Implications Of The Rapid Growth Of The Nurse Practitioner Workforce In The US
David Auerbach, Peter Buerhaus & Douglas Staiger
Health Affairs, February 2020, Pages 273-279

Abstract:

Concerns about physician shortages have led policy makers in the US public and private sectors to advocate for the greater use of nurse practitioners (NPs). We examined recent changes in demographic, employment, and earnings characteristics of NPs and the implications of those changes. In the period 2010-17 the number of NPs in the US more than doubled from approximately 91,000 to 190,000. This growth occurred in every US region and was driven by the rapid expansion of education programs that attracted nurses in the Millennial generation. Employment was concentrated in hospitals, physician offices, and outpatient care centers, and inflation-adjusted earnings grew by 5.5 percent over this period. The pronounced growth in the number of NPs has reduced the size of the registered nurse (RN) workforce by up to 80,000 nationwide. In the future, hospitals must innovate and test creative ideas to replace RNs who have left their positions to become NPs, and educators must be alert for signs of falling earnings that may signal the excess production of NPs.


Changes in emergency department dental visits after Medicaid expansion
Hawazin Elani, Ichiro Kawachi & Benjamin Sommers
Health Services Research, forthcoming

Data Sources/Study Setting: We used the State Emergency Department Database to compare changes in ED visit rates and payment source for dental conditions among patients from 33 states. These states represent four distinct policy environments, based on whether they expanded Medicaid and whether their Medicaid programs provide dental benefits. We first assessed the number of ED dental visits before (2012) and after (2014) the ACA. Then, we used differences‐in‐differences regression to estimate changes in insurance for dental visits by nonelderly adults.

Principal Findings: Our sample contained 375 944 dental ED visits. In states that expanded Medicaid and offered dental coverage, dental ED visits decreased by 14.1 percent (from 19 443 to 16 709, for a net difference of 2734). By contrast, in the remaining three state groups, dental ED visits rose. Meanwhile, the expansion significantly increased Medicaid coverage and decreased the rate of self‐pay for ED dental visits.

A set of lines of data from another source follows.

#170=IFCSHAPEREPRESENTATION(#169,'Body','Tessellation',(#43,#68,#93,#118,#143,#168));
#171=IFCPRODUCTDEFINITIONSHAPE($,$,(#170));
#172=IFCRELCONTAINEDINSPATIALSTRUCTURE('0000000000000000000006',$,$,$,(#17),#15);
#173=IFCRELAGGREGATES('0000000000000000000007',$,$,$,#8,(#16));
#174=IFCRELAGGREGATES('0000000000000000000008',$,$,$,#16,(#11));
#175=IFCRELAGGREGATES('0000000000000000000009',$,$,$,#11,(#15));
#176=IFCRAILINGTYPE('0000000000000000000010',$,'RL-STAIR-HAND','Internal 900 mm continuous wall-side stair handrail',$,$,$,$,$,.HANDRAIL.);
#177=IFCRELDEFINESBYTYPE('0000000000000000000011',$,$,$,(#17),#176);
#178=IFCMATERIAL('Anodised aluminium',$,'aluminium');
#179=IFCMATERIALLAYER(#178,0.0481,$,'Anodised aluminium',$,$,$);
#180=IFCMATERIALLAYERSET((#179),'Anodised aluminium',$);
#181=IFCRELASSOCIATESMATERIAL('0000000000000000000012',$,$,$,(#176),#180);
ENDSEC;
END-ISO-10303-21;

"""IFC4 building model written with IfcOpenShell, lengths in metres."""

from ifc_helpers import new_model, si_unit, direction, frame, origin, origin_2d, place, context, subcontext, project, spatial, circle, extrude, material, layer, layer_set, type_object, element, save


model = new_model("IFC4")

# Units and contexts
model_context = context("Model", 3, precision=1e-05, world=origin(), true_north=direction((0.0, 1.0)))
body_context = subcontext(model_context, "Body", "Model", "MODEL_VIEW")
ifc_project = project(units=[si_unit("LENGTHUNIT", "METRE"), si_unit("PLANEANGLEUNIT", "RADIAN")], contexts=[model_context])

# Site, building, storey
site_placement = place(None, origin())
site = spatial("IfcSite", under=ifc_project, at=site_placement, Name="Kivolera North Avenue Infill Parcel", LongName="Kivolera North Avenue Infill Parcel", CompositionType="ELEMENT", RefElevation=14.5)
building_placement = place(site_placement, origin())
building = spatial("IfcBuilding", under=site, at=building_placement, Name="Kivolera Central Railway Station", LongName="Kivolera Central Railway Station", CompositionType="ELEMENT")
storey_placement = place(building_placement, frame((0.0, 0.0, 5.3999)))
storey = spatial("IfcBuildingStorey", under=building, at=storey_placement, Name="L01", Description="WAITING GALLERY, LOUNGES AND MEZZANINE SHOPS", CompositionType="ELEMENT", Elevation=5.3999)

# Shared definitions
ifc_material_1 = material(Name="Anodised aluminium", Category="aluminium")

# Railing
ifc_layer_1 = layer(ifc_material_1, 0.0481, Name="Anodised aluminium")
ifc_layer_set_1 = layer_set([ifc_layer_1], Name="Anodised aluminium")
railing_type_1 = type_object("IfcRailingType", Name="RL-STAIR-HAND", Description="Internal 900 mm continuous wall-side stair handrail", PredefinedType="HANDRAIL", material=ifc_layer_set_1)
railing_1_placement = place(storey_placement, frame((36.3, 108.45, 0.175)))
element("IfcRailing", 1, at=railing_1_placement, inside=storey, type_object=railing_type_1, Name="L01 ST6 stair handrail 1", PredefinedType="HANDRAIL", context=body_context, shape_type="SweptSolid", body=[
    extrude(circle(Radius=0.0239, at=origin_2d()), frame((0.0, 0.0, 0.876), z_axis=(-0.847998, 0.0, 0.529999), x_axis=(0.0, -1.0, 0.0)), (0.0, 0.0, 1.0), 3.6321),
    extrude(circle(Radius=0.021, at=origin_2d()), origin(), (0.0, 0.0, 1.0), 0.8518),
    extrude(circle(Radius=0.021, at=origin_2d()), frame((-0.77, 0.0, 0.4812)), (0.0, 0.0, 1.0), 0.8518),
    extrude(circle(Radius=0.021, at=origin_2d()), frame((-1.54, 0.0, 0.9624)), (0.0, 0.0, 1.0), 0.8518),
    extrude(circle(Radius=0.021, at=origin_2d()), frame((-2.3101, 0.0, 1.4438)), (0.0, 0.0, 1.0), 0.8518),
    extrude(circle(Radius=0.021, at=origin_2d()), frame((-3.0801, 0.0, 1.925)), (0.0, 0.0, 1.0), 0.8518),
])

Higher Rates of Preventive Health Care With Commercial Insurance Compared With Medicaid: Findings From the Arkansas Health Care Independence “Private Option” Program
Anthony Goudie et al.
Medical Care, February 2020, Pages 120-127

Background: A requirement of the Arkansas Medicaid Section 1115 demonstration waiver was to evaluate the level of care received for Medicaid expansion eligible beneficiaries enrolled in commercial Qualified Health Plans (QHPs) in the Health Care Independence “Private Option” Program. This allowed for a direct comparison of Medicaid and commercial system performance serving similar newly covered adults.

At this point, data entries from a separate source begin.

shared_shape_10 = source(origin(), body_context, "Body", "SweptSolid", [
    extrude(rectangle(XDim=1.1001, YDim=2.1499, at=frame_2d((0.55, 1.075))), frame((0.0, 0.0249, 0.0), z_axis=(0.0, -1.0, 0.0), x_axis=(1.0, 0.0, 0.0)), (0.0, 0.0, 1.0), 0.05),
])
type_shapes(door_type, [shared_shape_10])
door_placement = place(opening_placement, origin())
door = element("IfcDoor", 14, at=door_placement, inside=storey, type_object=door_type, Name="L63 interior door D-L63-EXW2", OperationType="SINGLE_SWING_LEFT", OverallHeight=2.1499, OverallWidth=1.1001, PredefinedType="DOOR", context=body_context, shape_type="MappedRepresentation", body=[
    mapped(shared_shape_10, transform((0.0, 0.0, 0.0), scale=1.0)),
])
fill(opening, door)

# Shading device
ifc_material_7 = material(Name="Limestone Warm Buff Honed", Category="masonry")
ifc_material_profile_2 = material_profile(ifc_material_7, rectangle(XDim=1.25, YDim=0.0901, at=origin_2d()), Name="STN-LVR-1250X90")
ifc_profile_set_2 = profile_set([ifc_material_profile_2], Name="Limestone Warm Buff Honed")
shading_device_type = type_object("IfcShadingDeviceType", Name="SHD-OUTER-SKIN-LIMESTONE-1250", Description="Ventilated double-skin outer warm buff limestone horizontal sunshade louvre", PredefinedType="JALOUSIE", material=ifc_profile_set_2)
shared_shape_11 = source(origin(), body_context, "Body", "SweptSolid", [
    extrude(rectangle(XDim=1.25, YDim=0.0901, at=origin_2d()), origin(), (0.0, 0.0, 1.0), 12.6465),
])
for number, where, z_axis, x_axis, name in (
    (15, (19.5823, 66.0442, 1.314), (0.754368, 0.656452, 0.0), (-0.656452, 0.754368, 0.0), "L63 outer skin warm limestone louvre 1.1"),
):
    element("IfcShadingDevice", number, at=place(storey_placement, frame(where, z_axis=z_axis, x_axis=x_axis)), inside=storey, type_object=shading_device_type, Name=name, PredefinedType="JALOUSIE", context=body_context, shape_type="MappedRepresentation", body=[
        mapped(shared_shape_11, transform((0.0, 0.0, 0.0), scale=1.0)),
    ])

Research Design: In 2014, assignment to either Medicaid or a QHP was made based upon a psychometrically derived continuous composite score to exceptional health care needs assessment screener using a sharp a priori threshold cutpoint. Using a regression discontinuity design we compared preventive care (flu vaccination and screening rates) services in the 2 programs over 3 years.

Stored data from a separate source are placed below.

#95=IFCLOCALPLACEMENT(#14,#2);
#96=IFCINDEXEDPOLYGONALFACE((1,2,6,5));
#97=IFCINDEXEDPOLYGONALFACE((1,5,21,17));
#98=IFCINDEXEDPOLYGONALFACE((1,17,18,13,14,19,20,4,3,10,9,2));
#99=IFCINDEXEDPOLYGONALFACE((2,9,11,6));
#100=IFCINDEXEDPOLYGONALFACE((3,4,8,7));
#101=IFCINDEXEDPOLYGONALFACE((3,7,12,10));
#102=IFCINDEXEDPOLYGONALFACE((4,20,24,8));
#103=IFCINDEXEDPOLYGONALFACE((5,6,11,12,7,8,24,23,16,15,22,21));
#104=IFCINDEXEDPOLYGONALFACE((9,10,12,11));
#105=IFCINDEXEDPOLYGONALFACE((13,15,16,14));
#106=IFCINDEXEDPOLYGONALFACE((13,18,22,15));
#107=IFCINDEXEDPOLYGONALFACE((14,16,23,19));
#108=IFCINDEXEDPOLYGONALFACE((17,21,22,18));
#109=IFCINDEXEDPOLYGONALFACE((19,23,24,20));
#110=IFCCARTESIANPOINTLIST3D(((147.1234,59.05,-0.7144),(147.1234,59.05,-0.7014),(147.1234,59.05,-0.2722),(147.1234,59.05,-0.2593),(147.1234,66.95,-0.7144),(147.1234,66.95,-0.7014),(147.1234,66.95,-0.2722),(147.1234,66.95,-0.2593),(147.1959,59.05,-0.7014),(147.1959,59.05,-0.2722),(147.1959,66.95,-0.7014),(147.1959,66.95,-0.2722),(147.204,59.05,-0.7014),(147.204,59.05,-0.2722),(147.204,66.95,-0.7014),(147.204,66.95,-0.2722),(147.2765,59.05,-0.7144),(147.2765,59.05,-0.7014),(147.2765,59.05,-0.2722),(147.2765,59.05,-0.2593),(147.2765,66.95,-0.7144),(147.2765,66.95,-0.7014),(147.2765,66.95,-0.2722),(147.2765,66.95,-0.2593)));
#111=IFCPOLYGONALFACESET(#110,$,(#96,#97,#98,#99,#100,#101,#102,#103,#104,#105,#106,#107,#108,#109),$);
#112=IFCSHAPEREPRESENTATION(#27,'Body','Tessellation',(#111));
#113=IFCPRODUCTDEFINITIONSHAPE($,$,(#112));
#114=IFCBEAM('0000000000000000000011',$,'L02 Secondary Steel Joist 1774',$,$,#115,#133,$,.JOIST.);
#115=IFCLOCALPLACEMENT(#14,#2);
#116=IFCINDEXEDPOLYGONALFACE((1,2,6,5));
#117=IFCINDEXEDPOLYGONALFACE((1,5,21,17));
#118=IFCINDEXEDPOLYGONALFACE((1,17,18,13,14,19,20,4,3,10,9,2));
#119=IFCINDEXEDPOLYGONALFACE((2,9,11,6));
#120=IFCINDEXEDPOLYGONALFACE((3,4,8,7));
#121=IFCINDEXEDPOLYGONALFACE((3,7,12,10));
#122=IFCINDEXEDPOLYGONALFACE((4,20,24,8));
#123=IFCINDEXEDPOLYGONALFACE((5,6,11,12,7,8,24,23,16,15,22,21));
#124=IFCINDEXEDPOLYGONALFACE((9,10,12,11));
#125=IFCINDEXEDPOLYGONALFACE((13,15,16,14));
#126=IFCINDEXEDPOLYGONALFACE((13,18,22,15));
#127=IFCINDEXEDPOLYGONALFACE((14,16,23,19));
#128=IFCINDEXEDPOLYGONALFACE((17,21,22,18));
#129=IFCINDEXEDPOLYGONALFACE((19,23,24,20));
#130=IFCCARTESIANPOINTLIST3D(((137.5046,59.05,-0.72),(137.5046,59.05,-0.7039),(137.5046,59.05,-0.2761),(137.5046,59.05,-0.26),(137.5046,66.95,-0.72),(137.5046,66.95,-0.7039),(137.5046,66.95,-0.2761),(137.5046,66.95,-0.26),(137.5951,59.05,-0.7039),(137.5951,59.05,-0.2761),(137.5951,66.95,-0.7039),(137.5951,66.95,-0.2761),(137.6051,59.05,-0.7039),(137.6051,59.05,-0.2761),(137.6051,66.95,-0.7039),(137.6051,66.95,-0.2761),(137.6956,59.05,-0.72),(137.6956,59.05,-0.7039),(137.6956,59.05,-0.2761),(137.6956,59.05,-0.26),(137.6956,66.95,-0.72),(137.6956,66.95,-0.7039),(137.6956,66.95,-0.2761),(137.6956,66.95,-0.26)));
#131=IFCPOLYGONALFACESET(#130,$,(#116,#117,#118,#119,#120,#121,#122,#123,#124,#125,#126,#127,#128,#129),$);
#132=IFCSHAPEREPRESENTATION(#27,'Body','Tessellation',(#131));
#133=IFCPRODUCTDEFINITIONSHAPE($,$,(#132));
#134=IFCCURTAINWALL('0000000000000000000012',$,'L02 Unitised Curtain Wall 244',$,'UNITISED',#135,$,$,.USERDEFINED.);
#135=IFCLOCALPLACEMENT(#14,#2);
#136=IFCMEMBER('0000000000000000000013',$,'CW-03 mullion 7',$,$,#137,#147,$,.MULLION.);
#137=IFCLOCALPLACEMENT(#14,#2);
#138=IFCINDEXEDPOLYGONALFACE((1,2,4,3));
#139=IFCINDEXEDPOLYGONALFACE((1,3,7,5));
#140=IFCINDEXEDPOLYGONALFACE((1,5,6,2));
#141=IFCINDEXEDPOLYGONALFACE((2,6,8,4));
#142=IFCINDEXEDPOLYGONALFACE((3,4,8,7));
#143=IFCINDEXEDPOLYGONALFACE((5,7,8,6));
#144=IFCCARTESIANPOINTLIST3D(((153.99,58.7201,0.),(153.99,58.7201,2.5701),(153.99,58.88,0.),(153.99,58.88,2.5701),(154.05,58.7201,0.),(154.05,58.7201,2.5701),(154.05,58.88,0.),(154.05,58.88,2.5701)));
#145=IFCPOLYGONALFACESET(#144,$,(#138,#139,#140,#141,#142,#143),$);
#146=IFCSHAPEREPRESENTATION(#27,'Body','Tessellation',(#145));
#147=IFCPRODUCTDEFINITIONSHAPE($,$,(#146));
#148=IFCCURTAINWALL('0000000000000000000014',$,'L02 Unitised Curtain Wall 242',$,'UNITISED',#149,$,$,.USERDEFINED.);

Results: Compared with Medicaid enrollees, a higher percentage of QHP enrollees consistently received eligible preventive care screenings with 15.3, and 6.9% more receiving at least 1 or all eligible screenings, respectively. For individual preventive care outcomes and compared with Medicaid enrollees over the 3 years under study, a higher percentage of eligible QHP enrollees received a flu shot, cholesterol screenings, glycated hemoglobin assessment, and cervical and breast cancer periodic assessments. No differences were found for colorectal periodic assessments.